Brandenburg : Brandenburg kann Nachtflugregeln eigenständig ändern

Eine Widerrufsklausel im Planfeststellungsbeschluss lässt die Fluglärmgegner hoffen. Demnach könnte das brandenburgische Infrastrukturministerium als Planfeststellungsbehörde die Flugbetriebsregeln eigenständig ändern. Trotzdem wollen die Initiativen den Druck auf Berlins Regierungschef Wowereit erhöhen.

A. Fröhlich T. Reichelt
Kann Brandenburg ein erweitertes Nachtflugverbot auch im Alleingang durchsetzen? Einige Juristen meinen, ja.
Kann Brandenburg ein erweitertes Nachtflugverbot auch im Alleingang durchsetzen? Einige Juristen meinen, ja.Foto: dpa

Potsdam - Brandenburgs Ministerpräsident Matthias Platzeck (SPD) will zwar zunächst mit Berlin über ein schärferes Nachtflugverbot von 22 bis 6 Uhr am Hauptstadtflughafen BER in Schönefeld verhandeln. Doch angesichts des sich abzeichnenden Widerstands aus Berlin, könnte Brandenburg auch die Vorgaben des Planfeststellungsbeschlusses zum Nachtflugbetrieb einseitig ändern. Zu diesem Ergebnis kommen mehrere Juristen. Die für die Fluglärmgegner tätige Anwältin Franziska Heß und der brandenburgische Bundestagsabgeordnete und frühere Bundesrichter Wolfgang Neskovic beriefen sich am Donnerstag auf eine Widerrufsklausel im Planfeststellungsbeschluss. Demnach kann die Planfeststellungsbehörde eigenständig die Flugbetriebsregeln, also auch die Nachtflugvorgaben, verschärfen, wenn sich entscheidende Parameter ändern. Flughafen-Staatssekretär Rainer Brettschneider dagegen sieht keine Chancen, höchstens in ein paar Jahren bei stark wachsendem Flugverkehr und neuen Erkenntnissen zu den Gesundheitsfolgen des Fluglärms.

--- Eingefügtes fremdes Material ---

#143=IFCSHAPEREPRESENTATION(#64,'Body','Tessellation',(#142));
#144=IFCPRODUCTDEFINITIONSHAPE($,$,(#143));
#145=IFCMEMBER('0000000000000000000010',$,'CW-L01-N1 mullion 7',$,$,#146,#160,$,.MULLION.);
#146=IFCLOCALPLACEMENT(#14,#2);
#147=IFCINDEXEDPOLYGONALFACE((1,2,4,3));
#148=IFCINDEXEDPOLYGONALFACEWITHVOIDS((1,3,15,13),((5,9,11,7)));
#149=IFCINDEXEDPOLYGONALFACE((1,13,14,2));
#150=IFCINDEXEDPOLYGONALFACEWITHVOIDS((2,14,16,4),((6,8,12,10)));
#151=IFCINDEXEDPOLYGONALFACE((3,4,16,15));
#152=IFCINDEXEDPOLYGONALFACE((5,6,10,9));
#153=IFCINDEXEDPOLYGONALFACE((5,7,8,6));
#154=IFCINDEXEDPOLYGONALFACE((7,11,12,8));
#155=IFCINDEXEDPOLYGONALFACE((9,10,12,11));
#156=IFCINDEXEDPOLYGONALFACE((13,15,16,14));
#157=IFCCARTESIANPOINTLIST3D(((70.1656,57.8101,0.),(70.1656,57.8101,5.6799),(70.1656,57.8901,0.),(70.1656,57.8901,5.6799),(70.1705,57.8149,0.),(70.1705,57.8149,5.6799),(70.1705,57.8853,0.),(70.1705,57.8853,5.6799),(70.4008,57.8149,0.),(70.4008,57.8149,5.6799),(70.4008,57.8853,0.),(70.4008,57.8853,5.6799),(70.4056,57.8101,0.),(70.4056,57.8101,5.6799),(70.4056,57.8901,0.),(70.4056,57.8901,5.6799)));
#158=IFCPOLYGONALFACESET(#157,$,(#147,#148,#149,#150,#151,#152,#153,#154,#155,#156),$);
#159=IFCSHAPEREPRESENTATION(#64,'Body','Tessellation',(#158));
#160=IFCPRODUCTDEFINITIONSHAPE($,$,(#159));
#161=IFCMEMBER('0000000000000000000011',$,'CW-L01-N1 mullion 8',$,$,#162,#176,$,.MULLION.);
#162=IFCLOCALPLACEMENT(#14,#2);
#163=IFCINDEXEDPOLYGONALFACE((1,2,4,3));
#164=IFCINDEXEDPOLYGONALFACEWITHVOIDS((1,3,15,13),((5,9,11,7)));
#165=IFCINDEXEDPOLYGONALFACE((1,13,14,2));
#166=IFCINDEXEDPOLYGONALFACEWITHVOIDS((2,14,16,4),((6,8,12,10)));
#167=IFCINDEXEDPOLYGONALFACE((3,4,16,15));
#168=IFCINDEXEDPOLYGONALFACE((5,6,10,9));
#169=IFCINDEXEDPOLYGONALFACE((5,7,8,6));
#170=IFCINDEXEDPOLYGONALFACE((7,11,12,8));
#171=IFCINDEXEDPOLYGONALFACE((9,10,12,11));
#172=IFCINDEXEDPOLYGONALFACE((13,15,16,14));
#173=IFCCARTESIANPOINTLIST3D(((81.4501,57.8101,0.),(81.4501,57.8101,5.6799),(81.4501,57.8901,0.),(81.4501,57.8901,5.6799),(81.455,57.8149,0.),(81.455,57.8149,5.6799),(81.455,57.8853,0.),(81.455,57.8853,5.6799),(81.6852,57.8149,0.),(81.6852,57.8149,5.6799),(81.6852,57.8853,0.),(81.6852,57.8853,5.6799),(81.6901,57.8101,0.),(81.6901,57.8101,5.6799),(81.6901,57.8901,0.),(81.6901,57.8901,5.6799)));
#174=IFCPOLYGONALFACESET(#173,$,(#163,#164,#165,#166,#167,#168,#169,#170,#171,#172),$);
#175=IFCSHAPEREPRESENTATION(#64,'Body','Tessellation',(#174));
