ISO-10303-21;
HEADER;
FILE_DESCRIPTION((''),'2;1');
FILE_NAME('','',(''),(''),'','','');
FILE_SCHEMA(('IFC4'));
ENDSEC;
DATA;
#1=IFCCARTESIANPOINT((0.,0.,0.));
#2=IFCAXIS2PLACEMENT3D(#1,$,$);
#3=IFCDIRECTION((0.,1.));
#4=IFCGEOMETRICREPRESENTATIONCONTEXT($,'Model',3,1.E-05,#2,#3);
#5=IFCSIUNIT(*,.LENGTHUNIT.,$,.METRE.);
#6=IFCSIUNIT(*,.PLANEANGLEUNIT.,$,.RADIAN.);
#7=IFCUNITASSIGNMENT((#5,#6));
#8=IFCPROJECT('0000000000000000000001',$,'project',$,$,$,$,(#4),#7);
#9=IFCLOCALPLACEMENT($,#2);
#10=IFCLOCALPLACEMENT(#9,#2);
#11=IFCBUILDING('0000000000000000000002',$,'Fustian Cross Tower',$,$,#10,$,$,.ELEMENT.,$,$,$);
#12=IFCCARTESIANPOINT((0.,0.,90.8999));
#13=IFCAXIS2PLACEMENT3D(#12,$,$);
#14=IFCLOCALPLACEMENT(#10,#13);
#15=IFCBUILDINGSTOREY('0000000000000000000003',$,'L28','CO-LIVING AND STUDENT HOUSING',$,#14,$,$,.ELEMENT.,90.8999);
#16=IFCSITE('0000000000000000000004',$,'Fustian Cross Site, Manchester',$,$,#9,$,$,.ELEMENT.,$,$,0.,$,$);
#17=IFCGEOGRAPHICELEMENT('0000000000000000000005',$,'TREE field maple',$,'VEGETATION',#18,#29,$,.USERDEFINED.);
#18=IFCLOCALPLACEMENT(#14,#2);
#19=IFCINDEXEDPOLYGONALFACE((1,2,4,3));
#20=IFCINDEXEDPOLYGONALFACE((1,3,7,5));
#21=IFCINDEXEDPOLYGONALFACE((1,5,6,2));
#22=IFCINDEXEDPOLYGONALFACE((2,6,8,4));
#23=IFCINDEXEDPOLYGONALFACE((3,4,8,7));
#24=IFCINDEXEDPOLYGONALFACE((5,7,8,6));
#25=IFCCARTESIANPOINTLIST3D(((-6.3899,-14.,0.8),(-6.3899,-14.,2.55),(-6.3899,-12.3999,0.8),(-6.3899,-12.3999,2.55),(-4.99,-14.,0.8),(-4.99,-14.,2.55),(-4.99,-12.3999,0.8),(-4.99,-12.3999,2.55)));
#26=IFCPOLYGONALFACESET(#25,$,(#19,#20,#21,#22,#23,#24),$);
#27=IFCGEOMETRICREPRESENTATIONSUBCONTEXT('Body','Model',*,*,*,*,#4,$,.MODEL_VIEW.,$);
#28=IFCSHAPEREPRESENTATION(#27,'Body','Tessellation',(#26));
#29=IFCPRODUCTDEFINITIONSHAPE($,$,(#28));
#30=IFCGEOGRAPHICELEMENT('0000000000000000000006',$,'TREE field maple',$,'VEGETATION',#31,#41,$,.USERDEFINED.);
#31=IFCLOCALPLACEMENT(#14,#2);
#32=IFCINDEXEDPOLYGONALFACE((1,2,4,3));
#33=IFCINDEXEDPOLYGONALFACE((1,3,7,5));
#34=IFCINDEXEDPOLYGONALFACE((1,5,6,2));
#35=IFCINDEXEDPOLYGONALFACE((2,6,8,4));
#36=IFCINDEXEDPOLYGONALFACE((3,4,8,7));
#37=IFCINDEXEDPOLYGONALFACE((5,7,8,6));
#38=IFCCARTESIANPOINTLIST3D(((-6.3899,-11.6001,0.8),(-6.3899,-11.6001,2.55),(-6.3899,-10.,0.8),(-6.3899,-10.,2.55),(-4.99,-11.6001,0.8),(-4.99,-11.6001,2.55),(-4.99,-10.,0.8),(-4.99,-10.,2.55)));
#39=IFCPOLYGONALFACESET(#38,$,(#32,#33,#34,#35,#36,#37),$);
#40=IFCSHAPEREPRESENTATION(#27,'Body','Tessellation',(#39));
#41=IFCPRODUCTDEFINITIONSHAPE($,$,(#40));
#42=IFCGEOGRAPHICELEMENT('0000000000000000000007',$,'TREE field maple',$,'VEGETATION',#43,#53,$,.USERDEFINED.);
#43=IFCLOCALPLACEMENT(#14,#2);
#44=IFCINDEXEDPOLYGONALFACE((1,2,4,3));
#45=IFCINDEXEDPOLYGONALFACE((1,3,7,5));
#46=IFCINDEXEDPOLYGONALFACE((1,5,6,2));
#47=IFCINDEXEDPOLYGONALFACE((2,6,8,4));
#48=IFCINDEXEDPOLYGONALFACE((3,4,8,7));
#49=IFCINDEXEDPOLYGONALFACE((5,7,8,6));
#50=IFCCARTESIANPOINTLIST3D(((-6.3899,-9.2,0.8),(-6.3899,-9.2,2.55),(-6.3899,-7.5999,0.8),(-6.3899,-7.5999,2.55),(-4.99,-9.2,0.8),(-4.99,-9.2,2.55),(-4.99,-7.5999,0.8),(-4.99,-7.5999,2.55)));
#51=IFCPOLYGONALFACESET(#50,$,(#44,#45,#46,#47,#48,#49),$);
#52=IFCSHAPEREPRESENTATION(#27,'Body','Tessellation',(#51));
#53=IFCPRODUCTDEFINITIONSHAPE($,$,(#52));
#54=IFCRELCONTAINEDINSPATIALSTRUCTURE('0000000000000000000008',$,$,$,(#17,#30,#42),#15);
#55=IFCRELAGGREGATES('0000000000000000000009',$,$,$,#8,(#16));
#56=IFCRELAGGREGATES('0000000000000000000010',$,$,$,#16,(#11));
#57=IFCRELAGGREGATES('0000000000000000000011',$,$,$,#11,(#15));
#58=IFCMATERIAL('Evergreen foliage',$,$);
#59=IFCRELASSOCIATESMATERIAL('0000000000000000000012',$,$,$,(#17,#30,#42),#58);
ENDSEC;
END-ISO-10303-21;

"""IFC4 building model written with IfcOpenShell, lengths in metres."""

from ifc_helpers import new_model, si_unit, direction, frame, origin, origin_2d, place, context, subcontext, project, spatial, rectangle, extrude, material, element, save


model = new_model("IFC4")

# Units and contexts
model_context = context("Model", 3, precision=1e-05, world=origin(), true_north=direction((0.0, 1.0)))
body_context = subcontext(model_context, "Body", "Model", "MODEL_VIEW")
ifc_project = project(units=[si_unit("LENGTHUNIT", "METRE"), si_unit("PLANEANGLEUNIT", "RADIAN")], contexts=[model_context])

# Site, building, storey
site_placement = place(None, origin())
site = spatial("IfcSite", under=ifc_project, at=site_placement, Name="Fustian Cross Site, Manchester", CompositionType="ELEMENT", RefElevation=0.0)
building_placement = place(site_placement, origin())
building = spatial("IfcBuilding", under=site, at=building_placement, Name="Fustian Cross Tower", CompositionType="ELEMENT")
storey_placement = place(building_placement, frame((0.0, 0.0, 90.8999)))
storey = spatial("IfcBuildingStorey", under=building, at=storey_placement, Name="L28", Description="CO-LIVING AND STUDENT HOUSING", CompositionType="ELEMENT", Elevation=90.8999)

# Geographic elements
ifc_material_1 = material(Name="Evergreen foliage")
for number, where, z_axis, x_axis, name in (
    (1, (-5.6899, -13.2, 0.8), (0.0, 0.0, 1.0), (1.0, 0.0, 0.0), "TREE field maple"),
    (2, (-5.6899, -10.8, 0.8), (0.0, 0.0, 1.0), (1.0, 0.0, 0.0), "TREE field maple"),
    (3, (-5.6899, -8.3999, 0.8), (0.0, 0.0, 1.0), (1.0, 0.0, 0.0), "TREE field maple"),
):
    element("IfcGeographicElement", number, at=place(storey_placement, frame(where, z_axis=z_axis, x_axis=x_axis)), inside=storey, material=ifc_material_1, Name=name, ObjectType="VEGETATION", PredefinedType="USERDEFINED", context=body_context, shape_type="SweptSolid", body=[
        extrude(rectangle(XDim=1.3999, YDim=1.6001, at=origin_2d()), origin(), (0.0, 0.0, 1.0), 1.75),
    ])

save(model, "model.ifc")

Dennoch hätte der Bund auch dann noch das letzte Wort – und könnte Änderungen aus Brandenburg per Verfügung ablehnen. Bereits im September vergangenen Jahres hatte das Bundesverkehrsministerium ein Nachtflugverbot am Flughafen Köln-Bonn kassiert. Der Bund übt eine Fach- und Rechtsaufsicht bei Verkehrsflughäfen aus und kann prüfen, ob die Länder rechtskonform handeln.

„Wo ein Wille ist, findet sich auch ein Weg“, sagte Rechtsanwältin Heß am Donnerstag vor dem Infrastrukturausschuss des Landtags. „Sollte der Bund von seinem Weisungsrecht Gebrauch machen, dann hätte das Land aber alles getan, um für den Schutz seiner Bürger zu sorgen.“ Gründe für ein schärferes Nachtflugverbot in der Planfeststellung seien auch geänderte Flugrouten oder Mängel beim Schallschutzprogramm. Allerdings müsse eine Änderung der Pläne mit den Interessen des Flughafens und der Fluggesellschaften abgewogen werden, so Heß. „Wir teilen die Auffassung der Expertin, jedoch liegt keine veränderte Sach- und Rechtslage derzeit vor“, sagte Flughafen-Staatssekretär Bretschneider. Wenn das Land einen Alleingang wage, sollten gute Gründe vorliegen. „Diese gibt es aber nicht.“ Heß wies darauf hin, dass Brandenburg im Notfall Berlin mit einem Organstreitverfahren zum Einlenken bewegen oder den Staatsvertrag zur gemeinsamen Landesplanung kündigen könne.

Der Infrastrukturausschuss beschloss schließlich den Antrag der rot-roten Koalition zur Annahme des erfolgreichen Volksbegehrens für ein Nachtflugverbot, nächste Woche befindet der Landtag darüber. Die CDU enthielt sich im Ausschuss. „An einer Täuschung der Bürger durch Rot-Rot werden wir uns nicht beteiligen“, sagte CDU-Fraktionschef Dieter Dombrowski. Rot-Rot wolle nur einen Volksentscheid verhindern. Auch Grünen-Fraktionschef Axel Vogel warnte, es gehe Platzeck nur darum, 2014 einen Landtagswahlkampf gegen seine Person zu verhindern.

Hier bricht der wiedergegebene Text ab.